A group of proteins linked with nerve cell defects could represent promising treatment targets for people with fragile X tremor-ataxia syndrome (FXTAS), a study in mice suggested.

The study, “Reduction of Fmr1 mRNA Levels Rescues Pathological Features in Cortical Neurons in a Model of FXTAS,” was published in the journal Molecular Therapy – Nucleic Acids.

FXTAS is a common condition in families affected by fragile X syndrome. It is characterized by movement abnormalities (ataxia) and rhythmic, involuntary movements (tremors) resembling the symptoms of Parkinson’s disease. Anxiety and cognitive decline may also be present.

Unlike fragile X, which appears early in life, FXATS occurs during adulthood and predominantly affects men older than 50.

Both conditions are caused by an unusually large DNA segment in the FMR1 gene. While people with fragile X typically have a “full” mutation with over 200 CGG repeats, those with FXTAS carry a premutation comprising 55–200 such repeats. (Of note, C stands for cytosine and G for guanine, two of the four building blocks of DNA).

FMR1 provides instructions for making the fragile X mental retardation protein, or FMRP. This protein is present in many tissues, but it is believed to play an important role in the functioning of nerve cells, or neurons, and their communication.

Although the genetic cause of FXTAS is well-established, the reason why people with this disorder develop movement and cognition problems associated with nerve cell damage is still unclear.

In addition, although FXTAS has been mostly viewed as a late-onset disorder, certain symptoms in patients as well as learning and memory problems seen in mouse models suggest the disorder may start damaging the body earlier than previously thought, disrupting the development of neurons.

So far, no specific therapy is available for FXTAS. Treatment with brexanolone (or allopregnanolone) improved cognitive functioning in people with this disorder. However, nothing is known for its effects on neurodevelopmental outcomes “opening the possibility to search for new targetable pathways in young patients,” the researchers wrote.

Scientists have characterized three potential culprits at the root of FXTAS — clumps of materials inside nerve cells, the presence of a short and abnormal FMRP protein, and elevated levels of FMR1 messenger RNA (mRNA), derived from DNA in the production of FMRP.
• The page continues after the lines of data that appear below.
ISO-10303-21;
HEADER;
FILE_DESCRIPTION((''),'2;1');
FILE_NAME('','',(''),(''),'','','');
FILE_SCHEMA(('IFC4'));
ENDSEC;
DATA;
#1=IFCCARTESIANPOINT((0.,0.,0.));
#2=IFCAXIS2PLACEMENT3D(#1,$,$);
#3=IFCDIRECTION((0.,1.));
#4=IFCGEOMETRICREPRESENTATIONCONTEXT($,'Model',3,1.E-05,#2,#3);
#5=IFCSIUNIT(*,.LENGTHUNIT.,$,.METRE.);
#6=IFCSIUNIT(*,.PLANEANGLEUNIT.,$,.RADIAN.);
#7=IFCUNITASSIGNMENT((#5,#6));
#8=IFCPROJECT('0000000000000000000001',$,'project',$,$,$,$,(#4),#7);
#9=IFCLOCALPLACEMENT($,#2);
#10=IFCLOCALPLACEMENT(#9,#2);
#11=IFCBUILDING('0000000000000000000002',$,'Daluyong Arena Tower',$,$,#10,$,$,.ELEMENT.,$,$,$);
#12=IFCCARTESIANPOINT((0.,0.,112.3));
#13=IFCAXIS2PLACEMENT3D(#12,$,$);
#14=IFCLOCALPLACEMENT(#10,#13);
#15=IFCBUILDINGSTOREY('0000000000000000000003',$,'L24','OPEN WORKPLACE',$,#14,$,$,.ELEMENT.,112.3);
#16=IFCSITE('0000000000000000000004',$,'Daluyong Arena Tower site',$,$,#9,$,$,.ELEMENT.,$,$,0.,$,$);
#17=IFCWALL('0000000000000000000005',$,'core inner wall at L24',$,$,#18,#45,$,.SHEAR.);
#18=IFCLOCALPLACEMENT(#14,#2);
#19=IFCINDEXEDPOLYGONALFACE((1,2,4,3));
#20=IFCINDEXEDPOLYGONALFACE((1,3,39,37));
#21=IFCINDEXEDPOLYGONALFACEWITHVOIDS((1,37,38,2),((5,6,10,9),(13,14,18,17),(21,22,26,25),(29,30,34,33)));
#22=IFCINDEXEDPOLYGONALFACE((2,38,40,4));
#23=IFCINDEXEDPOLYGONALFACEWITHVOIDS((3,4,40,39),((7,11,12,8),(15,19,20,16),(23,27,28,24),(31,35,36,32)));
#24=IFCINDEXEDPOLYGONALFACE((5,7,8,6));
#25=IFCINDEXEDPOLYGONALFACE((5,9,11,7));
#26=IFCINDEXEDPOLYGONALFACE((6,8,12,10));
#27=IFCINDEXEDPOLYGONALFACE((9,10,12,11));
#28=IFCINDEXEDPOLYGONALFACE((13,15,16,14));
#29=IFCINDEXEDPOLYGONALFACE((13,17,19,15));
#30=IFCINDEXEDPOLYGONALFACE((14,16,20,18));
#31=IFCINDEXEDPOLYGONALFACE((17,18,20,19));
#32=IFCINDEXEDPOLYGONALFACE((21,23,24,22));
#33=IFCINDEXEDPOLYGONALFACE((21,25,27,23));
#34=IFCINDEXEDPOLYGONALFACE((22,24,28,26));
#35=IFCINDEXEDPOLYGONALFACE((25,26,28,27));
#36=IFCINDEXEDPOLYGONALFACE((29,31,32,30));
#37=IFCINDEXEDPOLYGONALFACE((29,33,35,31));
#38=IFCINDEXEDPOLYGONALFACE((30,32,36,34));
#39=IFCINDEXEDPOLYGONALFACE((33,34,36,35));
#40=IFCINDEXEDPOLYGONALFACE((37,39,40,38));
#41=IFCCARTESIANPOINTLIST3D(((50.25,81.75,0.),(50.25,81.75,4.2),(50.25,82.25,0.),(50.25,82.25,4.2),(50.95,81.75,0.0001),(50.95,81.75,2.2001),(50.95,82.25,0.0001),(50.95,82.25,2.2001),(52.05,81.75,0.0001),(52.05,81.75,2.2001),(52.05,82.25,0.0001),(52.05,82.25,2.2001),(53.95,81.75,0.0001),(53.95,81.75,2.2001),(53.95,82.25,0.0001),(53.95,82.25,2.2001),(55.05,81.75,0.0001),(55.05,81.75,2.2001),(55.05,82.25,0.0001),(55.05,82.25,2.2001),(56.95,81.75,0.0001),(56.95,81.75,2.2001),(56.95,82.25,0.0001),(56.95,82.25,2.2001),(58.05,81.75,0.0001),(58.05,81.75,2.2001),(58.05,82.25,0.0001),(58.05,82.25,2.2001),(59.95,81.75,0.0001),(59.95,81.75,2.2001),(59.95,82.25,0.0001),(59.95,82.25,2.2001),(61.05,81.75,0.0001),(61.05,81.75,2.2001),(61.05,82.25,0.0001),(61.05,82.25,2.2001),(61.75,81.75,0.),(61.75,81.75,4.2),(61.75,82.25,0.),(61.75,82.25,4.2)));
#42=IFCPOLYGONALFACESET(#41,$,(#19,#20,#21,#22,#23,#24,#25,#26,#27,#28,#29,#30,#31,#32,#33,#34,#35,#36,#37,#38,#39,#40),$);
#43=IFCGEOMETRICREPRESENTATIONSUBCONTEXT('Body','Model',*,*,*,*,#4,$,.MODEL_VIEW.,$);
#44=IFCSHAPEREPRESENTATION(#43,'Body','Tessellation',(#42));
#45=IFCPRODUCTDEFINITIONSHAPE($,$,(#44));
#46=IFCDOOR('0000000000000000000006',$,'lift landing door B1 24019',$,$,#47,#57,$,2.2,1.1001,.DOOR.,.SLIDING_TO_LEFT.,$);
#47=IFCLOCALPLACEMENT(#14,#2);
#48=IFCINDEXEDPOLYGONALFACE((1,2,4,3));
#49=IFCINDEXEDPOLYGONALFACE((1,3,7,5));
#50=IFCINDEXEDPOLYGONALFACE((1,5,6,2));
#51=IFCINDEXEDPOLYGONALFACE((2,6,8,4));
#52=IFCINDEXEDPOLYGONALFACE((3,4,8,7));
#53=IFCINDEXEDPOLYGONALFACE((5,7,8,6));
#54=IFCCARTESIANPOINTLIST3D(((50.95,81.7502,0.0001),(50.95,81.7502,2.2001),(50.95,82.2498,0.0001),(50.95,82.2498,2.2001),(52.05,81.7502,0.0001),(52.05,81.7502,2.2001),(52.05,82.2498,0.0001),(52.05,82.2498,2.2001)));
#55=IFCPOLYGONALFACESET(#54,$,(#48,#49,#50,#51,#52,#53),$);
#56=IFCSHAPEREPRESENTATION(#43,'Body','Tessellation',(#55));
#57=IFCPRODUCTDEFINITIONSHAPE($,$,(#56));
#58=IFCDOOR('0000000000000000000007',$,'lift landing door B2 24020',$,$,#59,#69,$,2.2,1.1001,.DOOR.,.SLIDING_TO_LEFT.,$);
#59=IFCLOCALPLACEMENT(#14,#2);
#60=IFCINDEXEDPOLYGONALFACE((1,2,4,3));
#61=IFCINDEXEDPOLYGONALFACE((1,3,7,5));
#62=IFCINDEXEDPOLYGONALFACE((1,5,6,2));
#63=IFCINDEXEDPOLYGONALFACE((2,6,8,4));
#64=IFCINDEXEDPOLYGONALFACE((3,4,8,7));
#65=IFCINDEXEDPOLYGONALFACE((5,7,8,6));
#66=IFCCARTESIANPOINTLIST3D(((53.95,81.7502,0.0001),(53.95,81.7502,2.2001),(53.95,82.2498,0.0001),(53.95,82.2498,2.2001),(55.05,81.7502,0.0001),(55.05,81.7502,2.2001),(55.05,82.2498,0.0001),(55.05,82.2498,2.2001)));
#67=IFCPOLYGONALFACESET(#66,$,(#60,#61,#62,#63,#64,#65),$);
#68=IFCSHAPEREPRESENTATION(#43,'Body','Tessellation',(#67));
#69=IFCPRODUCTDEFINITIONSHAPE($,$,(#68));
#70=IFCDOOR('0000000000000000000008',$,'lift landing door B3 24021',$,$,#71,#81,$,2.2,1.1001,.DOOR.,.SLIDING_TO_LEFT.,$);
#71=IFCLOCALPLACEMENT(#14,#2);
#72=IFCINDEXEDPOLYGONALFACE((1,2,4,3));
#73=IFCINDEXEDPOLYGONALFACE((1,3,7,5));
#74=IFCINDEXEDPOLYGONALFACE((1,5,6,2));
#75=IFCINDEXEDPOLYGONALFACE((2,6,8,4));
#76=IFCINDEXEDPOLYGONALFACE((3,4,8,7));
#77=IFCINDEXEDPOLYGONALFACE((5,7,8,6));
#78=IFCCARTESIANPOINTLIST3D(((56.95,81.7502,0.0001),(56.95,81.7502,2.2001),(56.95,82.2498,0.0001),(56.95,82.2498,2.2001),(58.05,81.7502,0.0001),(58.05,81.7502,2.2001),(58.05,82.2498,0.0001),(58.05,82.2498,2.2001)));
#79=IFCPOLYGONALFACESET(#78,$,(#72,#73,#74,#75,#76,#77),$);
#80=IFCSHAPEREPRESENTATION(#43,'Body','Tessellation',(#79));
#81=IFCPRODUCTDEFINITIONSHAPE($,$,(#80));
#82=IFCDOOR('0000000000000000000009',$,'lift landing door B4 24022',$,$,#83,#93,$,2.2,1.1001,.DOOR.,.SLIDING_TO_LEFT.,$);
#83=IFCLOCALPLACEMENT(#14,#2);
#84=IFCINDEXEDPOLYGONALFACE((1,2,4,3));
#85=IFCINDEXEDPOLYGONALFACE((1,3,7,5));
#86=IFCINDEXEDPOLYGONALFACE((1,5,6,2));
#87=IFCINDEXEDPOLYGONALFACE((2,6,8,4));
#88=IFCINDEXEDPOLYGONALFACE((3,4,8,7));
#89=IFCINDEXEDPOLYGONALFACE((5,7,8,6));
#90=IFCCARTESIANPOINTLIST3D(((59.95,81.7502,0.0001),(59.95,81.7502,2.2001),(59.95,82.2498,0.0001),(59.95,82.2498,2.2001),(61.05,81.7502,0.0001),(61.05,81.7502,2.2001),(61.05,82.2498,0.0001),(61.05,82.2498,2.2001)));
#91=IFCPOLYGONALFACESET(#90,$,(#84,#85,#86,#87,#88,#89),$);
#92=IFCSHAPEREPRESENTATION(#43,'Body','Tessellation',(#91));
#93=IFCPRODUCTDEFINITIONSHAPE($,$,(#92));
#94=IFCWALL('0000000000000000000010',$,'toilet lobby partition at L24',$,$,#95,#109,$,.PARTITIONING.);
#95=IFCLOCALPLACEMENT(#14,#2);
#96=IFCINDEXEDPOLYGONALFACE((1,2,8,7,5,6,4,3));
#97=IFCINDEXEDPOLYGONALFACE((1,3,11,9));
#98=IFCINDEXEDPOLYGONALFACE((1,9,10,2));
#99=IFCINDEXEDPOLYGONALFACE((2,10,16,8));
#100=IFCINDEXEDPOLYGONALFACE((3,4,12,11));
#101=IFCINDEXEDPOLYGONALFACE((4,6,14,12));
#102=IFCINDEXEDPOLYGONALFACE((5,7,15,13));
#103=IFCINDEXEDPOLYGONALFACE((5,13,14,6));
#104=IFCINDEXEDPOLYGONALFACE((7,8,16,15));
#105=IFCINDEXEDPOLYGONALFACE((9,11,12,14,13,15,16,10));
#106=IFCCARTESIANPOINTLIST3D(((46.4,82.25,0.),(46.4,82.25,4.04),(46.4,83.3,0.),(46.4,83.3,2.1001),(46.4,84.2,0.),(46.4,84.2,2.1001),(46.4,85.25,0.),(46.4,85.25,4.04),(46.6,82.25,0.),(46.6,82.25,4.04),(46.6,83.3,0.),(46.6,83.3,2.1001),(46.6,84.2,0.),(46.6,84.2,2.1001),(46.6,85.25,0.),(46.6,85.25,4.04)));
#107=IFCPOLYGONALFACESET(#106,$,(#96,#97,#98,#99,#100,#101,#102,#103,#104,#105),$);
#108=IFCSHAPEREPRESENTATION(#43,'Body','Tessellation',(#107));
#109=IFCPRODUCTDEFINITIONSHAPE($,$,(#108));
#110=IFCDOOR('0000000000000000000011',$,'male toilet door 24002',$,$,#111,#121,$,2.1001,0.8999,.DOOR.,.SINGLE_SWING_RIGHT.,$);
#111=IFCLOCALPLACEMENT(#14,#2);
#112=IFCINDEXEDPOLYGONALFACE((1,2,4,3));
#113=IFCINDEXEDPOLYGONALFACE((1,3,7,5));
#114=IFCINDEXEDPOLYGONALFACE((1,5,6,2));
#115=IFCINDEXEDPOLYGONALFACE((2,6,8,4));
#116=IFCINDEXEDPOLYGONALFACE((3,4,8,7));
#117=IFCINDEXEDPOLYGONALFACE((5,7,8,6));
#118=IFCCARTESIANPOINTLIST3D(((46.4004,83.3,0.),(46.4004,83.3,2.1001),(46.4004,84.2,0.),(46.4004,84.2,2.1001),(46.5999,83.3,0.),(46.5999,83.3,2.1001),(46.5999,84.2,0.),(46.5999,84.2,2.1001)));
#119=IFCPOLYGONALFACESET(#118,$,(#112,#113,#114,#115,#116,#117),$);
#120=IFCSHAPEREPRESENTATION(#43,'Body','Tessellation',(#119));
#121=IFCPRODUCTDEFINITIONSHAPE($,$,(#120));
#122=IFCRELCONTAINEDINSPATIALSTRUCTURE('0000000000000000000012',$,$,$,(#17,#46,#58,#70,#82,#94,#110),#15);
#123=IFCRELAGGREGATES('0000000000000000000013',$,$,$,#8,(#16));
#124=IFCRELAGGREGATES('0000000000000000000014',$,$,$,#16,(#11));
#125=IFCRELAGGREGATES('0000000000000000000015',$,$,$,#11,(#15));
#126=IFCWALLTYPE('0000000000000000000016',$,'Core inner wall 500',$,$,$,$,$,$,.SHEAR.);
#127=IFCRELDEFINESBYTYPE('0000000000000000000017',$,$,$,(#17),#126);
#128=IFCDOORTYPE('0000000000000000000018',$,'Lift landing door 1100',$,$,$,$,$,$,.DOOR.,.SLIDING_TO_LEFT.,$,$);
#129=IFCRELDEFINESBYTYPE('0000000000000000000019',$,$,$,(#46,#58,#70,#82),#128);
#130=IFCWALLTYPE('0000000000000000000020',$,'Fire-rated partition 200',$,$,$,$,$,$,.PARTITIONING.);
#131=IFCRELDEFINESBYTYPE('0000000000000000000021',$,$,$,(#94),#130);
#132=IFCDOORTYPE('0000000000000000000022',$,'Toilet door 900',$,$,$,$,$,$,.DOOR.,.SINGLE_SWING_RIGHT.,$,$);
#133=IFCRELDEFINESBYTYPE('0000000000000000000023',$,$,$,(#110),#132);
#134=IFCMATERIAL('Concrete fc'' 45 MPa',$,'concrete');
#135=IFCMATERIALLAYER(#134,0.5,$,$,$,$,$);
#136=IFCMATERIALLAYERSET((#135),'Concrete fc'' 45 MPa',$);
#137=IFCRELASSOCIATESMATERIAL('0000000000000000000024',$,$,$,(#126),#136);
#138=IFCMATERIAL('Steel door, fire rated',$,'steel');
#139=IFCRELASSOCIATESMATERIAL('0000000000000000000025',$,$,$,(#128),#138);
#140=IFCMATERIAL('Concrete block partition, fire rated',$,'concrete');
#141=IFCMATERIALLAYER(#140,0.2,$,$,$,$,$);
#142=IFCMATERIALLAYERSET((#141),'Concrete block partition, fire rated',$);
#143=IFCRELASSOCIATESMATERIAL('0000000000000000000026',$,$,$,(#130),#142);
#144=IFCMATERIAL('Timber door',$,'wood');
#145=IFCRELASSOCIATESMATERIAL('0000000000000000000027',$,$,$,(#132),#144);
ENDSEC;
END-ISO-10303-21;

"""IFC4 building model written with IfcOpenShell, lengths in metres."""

from ifc_helpers import new_model, si_unit, direction, frame, frame_2d, origin, place, context, subcontext, project, spatial, rectangle, extrude, material, layer, layer_set, type_object, element, fill, save


model = new_model("IFC4")

# Units and contexts
model_context = context("Model", 3, precision=1e-05, world=origin(), true_north=direction((0.0, 1.0)))
body_context = subcontext(model_context, "Body", "Model", "MODEL_VIEW")
ifc_project = project(units=[si_unit("LENGTHUNIT", "METRE"), si_unit("PLANEANGLEUNIT", "RADIAN")], contexts=[model_context])

# Site, building, storey
site_placement = place(None, origin())
site = spatial("IfcSite", under=ifc_project, at=site_placement, Name="Daluyong Arena Tower site", CompositionType="ELEMENT", RefElevation=0.0)
building_placement = place(site_placement, origin())
building = spatial("IfcBuilding", under=site, at=building_placement, Name="Daluyong Arena Tower", CompositionType="ELEMENT")
storey_placement = place(building_placement, frame((0.0, 0.0, 112.3)))
storey = spatial("IfcBuildingStorey", under=building, at=storey_placement, Name="L24", Description="OPEN WORKPLACE", CompositionType="ELEMENT", Elevation=112.3)

# Wall, openings, doors
ifc_material_1 = material(Name="Concrete fc' 45 MPa", Category="concrete")
ifc_layer_1 = layer(ifc_material_1, 0.5)
ifc_layer_set_1 = layer_set([ifc_layer_1], Name="Concrete fc' 45 MPa")
wall_type_1 = type_object("IfcWallType", Name="Core inner wall 500", PredefinedType="SHEAR", material=ifc_layer_set_1)
wall_1_placement = place(storey_placement, frame((50.25, 82.0, 0.0), z_axis=(0.0, 0.0, 1.0), x_axis=(1.0, 0.0, 0.0)))
wall_1 = element("IfcWall", 1, at=wall_1_placement, inside=storey, type_object=wall_type_1, Name="core inner wall at L24", PredefinedType="SHEAR", context=body_context, shape_type="SweptSolid", body=[
    extrude(rectangle(XDim=11.5, YDim=0.5, at=frame_2d((5.75, 0.0))), origin(), (0.0, 0.0, 1.0), 4.2),
])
Using a mouse model of FXTAS, the team from France and Germany specifically studied the impact of elevated FMR1 mRNA levels and whether bringing those levels down to normal would be beneficial.

As seen in previous studies, the results showed that neurons in the brains of mice with FXTAS-like disease had several abnormalities — these cells were shorter, were less branched, and had longer dendritic spines (tiny protrusions involved in the communication with other nerve cells).

Importantly, when the researchers genetically engineered neurons to lower the amounts of FMR1 mRNA, they were able to correct these defects.

The scientists identified several proteins altered in neurons of mice with FXTAS. They spotted 29 proteins — including Tia1, Hnrnpll, ROAA, and P5CDH — whose levels returned to normal at the same time the neuronal defects were repaired.

Overall, the researchers believe these proteins could hold the key for the molecular pathways underlying the disease, and may represent “promising pharmacological targetable molecules for early therapeutic intervention for FXTAS,” they wrote.